Nothing worse than a monster who thinks he's right with God.

Mal ,'Heart Of Gold'


Natter 64: Yes, we still need you  

Off-topic discussion. Wanna talk about corsets, duct tape, or physics? This is the place. Detailed discussion of any current-season TV must be whitefonted.


Jesse - Nov 17, 2009 3:06:43 pm PST #19892 of 30001
Sometimes I trip on how happy we could be.

Maybe don't squinch it up.


Amy - Nov 17, 2009 3:08:26 pm PST #19893 of 30001
Because books.

If you're anything like me, that's a zit calling ahead and making a reservation.


Tom Scola - Nov 17, 2009 3:15:35 pm PST #19894 of 30001
Remember that the frontier of the Rebellion is everywhere. And even the smallest act of insurrection pushes our lines forward.

Sorry to sound like a smug New Yorker, but y'all wish you had a bar this hip in your city.


msbelle - Nov 17, 2009 3:15:39 pm PST #19895 of 30001
I remember the crazy days. 500 posts an hour. Nubmer! Natgbsb

yeah, I am pretty sure it is a zit, but yooowza really painful. I fear it may be inside my nose. PUSHING 40 HERE body, give it a rest.


sarameg - Nov 17, 2009 3:19:16 pm PST #19896 of 30001

Oh, god, I flash back to some of the public bathrooms we used in Morocco--most of the public toilets were china holes in the ground,

Bhutanese public toilets were like that, when they weren't just a board with a hole cut in it. Luckily, I can hold it until I absolutely can't (long winding road up to a dzong, and I was sitting over the rear axle and OH MY GOD THE PAIN) and at that point, I'd have peed in the most disgusting open air toilet with the entire country watching. At least there were walls...

I completely avoided public baths in Nepal.

The hole-in-concrete toilets at the Zambian school were pretty gawdawful after a night of bonfires and drinking.

OH! And the restrooms at the Doha airport freaked me out.
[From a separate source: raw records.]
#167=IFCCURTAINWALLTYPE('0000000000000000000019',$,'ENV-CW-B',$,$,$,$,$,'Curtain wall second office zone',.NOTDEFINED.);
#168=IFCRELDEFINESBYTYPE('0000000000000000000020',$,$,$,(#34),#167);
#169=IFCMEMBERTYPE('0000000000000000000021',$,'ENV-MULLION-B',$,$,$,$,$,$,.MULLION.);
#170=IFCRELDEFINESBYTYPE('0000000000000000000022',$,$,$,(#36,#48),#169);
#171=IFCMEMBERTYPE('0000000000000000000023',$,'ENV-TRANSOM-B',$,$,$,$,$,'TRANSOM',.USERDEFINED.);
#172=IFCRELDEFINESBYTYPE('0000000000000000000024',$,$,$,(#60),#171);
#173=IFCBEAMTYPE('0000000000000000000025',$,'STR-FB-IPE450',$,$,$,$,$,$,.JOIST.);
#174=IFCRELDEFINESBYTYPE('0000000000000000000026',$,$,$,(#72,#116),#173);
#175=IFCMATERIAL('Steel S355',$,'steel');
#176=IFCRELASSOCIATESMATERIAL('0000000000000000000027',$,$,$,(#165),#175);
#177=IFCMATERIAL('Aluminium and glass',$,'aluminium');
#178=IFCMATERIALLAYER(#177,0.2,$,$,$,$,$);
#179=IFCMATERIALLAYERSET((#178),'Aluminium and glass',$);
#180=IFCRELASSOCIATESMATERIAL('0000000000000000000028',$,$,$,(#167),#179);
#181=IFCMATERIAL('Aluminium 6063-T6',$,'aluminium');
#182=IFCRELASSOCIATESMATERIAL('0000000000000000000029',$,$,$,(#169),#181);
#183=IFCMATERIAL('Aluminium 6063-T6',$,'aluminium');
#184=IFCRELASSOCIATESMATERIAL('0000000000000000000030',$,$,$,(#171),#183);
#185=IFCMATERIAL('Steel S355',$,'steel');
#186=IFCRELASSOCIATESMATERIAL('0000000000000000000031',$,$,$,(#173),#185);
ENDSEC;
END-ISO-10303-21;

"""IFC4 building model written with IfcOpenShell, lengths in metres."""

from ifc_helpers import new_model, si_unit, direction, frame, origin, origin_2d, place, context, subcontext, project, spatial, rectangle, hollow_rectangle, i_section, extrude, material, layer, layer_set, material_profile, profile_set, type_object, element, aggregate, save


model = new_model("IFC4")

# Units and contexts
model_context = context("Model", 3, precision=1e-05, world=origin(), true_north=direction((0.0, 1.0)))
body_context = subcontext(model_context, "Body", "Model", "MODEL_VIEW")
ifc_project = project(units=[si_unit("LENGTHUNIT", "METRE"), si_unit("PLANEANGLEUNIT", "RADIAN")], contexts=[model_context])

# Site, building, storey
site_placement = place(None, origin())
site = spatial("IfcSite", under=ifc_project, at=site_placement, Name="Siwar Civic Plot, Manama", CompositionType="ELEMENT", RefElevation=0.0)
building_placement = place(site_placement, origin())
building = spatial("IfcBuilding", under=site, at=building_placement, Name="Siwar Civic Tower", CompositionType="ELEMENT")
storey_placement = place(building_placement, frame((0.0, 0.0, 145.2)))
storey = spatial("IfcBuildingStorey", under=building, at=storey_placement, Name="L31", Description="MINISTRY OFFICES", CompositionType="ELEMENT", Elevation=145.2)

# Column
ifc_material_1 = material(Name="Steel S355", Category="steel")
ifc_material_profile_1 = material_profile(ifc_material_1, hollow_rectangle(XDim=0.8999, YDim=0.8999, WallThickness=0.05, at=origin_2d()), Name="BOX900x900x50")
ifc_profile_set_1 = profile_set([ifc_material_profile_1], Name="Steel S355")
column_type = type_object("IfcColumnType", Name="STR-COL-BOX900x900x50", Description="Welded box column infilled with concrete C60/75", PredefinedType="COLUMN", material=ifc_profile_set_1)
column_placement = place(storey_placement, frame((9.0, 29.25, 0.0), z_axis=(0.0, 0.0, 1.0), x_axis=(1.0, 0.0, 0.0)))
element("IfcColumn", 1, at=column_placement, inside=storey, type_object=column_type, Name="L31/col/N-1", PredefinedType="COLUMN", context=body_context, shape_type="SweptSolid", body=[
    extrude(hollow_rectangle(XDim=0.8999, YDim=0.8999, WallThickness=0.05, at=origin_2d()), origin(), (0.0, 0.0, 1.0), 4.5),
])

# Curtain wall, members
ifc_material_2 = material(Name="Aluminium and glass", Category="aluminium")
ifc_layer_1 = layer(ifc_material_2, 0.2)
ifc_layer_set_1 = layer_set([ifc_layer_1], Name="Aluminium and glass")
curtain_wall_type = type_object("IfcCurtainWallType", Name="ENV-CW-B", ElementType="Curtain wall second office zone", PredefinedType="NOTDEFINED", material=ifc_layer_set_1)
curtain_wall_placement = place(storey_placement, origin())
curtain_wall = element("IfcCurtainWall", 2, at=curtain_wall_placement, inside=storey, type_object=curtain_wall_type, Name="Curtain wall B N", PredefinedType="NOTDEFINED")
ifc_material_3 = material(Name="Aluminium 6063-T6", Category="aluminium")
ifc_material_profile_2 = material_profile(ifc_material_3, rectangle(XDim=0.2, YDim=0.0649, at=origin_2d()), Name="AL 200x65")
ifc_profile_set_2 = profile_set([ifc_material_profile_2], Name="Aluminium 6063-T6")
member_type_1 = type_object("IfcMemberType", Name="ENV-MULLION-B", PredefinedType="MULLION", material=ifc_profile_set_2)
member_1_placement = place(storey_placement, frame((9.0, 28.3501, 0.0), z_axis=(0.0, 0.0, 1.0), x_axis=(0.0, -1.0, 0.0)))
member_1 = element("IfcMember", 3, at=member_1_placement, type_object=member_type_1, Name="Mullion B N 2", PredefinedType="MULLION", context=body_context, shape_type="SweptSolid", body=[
On the surface, a lot like any major international airport-generic. Could've been anywhere. But. Toilets themselves were western, but every one had a sprayer on a hose next to it and the floors were the most gawdawful sloppy mess, I just tried not to think about it. The attendants have floor squeegies.


Lee - Nov 17, 2009 3:23:35 pm PST #19897 of 30001
The feeling you get when your brain finally lets your heart get in its pants.

PIE!!!


Jesse - Nov 17, 2009 3:23:40 pm PST #19898 of 30001
Sometimes I trip on how happy we could be.

Sorry to sound like a smug New Yorker, but y'all wish you had a bar this hip in your city.

I don't understand why they don't have the fashion ones!


§ ita § - Nov 17, 2009 3:34:19 pm PST #19899 of 30001
Well not canonically, no, but this is transformative fiction.

THOSE ARE NOT SNUGGIE-ESQUE ROBES. Slankets open in the back. Those are just robes.

Aren't you sad you left, Jesse?


Jesse - Nov 17, 2009 3:36:02 pm PST #19900 of 30001
Sometimes I trip on how happy we could be.

More than ever!

There was, in fact, a reason I never went to that place anyway.


NoiseDesign - Nov 17, 2009 3:37:57 pm PST #19901 of 30001
Our wings are not tired

just caught up in here and am now listening to the Symphonic Les Mis.